Premier Shimon Peres, pressing ahead with his efforts to revive the faltering Middle East peace process, met with U.S. Ambassador Thomas Pickering today to discuss ways to arrange international auspices for direct talks between Israel and a Jordanian-Palestinian delegation.
King Hussein of Jordan insists an international framework is necessary if he is to negotiate with Israel. Israel has rejected Hussein’s proposal that the talks be held under the auspices of the United Nations Security Council with the participation of its five permanent members, including the Soviet Union.

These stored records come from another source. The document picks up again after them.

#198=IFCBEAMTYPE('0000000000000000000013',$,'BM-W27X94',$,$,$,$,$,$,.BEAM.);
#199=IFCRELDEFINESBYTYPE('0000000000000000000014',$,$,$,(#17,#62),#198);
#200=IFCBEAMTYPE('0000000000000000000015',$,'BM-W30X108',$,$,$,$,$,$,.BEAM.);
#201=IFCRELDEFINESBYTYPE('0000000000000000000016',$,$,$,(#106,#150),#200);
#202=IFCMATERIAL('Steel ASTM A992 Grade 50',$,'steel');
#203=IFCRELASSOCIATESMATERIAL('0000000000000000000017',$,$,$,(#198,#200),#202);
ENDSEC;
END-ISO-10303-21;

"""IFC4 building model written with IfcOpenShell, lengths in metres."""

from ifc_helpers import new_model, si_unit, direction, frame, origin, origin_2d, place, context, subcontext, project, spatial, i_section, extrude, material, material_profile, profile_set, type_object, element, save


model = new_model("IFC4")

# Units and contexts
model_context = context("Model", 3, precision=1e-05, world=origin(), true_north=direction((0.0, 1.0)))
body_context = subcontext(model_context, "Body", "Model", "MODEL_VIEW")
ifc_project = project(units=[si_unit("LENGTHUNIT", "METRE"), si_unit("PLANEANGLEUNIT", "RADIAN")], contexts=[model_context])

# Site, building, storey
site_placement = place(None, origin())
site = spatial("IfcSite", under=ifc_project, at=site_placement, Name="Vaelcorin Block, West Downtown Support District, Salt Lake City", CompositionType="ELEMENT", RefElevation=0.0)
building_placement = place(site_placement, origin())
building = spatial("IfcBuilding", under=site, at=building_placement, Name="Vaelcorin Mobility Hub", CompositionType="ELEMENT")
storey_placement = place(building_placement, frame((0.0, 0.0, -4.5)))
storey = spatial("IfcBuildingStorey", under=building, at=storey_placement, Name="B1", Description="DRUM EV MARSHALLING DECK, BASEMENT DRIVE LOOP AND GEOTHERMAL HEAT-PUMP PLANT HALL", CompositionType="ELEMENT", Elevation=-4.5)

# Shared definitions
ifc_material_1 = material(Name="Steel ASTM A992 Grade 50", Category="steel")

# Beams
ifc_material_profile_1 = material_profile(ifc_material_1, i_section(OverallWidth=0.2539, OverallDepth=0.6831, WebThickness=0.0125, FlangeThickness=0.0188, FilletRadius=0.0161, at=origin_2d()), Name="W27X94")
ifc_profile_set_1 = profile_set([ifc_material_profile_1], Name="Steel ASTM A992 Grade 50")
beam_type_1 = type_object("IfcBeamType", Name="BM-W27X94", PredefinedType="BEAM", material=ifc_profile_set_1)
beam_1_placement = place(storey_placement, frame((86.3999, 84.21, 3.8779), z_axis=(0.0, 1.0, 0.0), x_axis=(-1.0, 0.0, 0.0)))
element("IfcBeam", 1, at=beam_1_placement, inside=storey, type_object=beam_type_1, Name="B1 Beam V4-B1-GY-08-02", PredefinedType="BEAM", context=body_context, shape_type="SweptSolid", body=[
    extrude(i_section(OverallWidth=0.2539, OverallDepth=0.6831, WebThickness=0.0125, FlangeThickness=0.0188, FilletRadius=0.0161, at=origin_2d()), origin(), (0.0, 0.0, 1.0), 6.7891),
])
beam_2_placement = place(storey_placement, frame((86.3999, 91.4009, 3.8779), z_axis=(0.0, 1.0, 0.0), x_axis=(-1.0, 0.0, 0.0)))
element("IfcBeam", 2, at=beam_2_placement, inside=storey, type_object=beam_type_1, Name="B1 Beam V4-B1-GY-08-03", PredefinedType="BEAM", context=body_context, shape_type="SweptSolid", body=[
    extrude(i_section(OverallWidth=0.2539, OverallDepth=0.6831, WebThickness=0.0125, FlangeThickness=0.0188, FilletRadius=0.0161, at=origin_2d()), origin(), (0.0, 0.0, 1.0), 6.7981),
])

Pickering was accompanied at today’s meeting by Wat Cluverius, the outgoing U.S. Consul in East Jerusalem who has been appointed the State Department’s special envoy to promote Middle East peace negotiations. Cluverius will be replaced by another veteran of Mideast diplomacy, Morris Draper, who was closely involved with former special envoy Philip Habib in trying to resolve the Lebanon conflict several years ago.

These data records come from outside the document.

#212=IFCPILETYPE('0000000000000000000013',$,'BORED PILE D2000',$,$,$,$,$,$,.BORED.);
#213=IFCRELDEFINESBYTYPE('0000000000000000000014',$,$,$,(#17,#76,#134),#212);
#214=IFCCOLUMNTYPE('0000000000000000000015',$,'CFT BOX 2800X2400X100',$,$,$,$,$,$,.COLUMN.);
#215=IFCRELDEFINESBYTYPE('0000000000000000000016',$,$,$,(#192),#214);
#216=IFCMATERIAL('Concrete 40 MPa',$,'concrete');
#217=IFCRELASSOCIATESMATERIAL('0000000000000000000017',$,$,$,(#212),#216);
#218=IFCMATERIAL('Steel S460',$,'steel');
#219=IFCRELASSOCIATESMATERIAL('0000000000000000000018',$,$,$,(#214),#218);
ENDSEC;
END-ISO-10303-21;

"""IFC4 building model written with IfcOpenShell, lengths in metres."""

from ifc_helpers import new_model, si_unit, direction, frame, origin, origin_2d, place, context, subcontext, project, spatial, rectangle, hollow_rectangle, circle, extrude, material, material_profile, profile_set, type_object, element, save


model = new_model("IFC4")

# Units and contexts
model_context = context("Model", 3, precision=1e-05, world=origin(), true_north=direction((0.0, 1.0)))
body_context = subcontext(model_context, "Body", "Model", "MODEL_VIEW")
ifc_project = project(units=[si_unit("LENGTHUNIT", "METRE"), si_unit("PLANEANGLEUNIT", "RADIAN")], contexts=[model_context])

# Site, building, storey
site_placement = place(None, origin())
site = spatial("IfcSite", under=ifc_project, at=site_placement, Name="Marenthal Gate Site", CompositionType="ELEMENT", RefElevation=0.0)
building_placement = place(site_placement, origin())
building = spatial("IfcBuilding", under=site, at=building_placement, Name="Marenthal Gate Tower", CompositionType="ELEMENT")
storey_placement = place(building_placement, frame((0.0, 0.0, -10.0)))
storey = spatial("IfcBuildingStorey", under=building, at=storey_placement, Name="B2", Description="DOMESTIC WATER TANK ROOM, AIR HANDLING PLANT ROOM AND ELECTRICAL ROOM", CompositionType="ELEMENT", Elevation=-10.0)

Israeli sources said Pickering briefed Peres on the outcome of Secretary of State George Shultz’s presummit talks in Moscow this week. He briefed Foreign Minister and Deputy Premier Yitzhak Shamir separately on the same subject. Israel Radio reported today that Shultz had failed to persuade the Kremlin to free imprisoned Jewish activist Anatoly Shcharansky as a good will gesture in advance of this month’s summit meeting between President Reagan and Soviet leader Mikhail Gorbachev.

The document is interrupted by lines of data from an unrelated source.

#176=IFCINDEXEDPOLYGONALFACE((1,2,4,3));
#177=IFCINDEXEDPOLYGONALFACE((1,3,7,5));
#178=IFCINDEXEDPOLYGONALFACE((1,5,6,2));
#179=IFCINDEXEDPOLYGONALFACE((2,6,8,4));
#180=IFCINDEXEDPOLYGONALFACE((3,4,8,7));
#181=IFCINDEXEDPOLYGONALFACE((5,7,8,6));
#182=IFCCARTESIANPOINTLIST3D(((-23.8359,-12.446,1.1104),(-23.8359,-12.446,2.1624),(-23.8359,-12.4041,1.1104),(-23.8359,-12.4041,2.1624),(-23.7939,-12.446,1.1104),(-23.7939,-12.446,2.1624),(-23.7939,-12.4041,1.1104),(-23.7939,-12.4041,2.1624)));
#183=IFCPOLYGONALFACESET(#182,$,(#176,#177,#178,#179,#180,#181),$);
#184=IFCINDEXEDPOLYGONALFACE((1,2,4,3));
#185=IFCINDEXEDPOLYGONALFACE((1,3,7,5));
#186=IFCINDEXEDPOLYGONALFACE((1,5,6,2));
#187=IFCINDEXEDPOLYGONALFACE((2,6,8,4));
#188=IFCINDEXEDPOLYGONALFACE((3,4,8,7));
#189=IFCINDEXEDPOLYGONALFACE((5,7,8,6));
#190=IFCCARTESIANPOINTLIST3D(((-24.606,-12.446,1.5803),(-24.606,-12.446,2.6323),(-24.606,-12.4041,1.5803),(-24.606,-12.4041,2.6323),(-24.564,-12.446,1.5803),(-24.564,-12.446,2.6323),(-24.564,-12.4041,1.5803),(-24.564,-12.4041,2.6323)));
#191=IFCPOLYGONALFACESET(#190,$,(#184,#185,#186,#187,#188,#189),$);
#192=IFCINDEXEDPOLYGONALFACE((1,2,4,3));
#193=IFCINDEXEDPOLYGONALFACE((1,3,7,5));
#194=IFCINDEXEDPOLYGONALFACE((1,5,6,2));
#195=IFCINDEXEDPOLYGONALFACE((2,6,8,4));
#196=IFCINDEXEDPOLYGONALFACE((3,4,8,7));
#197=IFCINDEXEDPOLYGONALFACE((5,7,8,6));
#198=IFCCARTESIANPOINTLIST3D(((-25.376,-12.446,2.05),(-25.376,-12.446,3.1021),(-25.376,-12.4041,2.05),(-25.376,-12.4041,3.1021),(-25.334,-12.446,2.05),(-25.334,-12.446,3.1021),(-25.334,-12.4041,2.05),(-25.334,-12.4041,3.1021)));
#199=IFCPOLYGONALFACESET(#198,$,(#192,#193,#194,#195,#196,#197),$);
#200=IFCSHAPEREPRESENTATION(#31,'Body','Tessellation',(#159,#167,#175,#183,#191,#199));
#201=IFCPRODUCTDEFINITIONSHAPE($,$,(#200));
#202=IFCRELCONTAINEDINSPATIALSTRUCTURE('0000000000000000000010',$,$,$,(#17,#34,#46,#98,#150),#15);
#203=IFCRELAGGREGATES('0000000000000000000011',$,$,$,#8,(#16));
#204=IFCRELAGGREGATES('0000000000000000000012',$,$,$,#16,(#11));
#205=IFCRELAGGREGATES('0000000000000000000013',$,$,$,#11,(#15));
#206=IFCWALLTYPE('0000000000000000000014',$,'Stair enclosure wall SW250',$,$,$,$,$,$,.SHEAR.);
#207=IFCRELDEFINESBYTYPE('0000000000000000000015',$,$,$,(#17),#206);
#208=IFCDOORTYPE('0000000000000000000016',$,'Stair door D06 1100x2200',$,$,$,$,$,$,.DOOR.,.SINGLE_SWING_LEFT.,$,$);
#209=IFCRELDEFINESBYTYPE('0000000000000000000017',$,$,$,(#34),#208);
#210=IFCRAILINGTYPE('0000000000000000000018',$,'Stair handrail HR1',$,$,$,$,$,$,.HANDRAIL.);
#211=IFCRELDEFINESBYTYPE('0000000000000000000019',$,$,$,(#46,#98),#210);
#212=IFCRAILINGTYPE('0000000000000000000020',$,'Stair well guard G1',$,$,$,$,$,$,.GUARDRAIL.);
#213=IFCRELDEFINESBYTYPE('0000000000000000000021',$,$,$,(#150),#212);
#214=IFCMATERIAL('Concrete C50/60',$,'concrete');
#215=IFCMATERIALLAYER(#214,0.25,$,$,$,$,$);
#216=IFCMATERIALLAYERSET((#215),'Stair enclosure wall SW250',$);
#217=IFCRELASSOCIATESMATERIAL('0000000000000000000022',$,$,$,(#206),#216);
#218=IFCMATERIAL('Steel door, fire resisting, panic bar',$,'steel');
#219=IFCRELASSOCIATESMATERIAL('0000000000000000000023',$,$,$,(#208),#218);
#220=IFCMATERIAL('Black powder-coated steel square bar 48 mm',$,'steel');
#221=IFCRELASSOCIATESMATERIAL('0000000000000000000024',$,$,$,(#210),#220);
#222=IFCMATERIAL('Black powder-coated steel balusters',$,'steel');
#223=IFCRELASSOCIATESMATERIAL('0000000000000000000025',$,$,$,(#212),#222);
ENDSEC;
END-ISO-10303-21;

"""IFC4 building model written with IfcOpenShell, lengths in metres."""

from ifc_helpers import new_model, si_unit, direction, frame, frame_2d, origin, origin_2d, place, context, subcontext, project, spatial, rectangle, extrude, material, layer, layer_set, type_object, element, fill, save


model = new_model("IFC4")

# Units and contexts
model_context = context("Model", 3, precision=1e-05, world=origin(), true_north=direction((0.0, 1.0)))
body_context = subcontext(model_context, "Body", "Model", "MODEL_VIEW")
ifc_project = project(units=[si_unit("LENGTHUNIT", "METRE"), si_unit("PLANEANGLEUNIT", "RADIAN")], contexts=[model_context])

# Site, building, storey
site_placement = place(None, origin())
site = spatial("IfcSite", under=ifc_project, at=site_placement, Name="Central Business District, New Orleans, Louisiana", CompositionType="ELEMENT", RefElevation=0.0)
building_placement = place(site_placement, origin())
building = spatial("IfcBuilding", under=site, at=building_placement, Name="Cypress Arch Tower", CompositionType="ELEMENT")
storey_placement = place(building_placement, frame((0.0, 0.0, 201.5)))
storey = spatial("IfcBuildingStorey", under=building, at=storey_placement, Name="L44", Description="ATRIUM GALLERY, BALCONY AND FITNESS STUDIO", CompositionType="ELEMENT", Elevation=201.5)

Meanwhile, officials here dismissed as worthless Palestine Liberation Organization chief Yasir Arafat’s statement in Cairo last night that the PLO opposed all terrorist acts against innocent, defenseless people. Arafat sought to distinguish between such attacks and what he called legitimate resistance to the Israeli occupation of Palestine.
A spokesman for the Prime Ministers’ Office asked rhetorically, “What fool would believe Arafat?”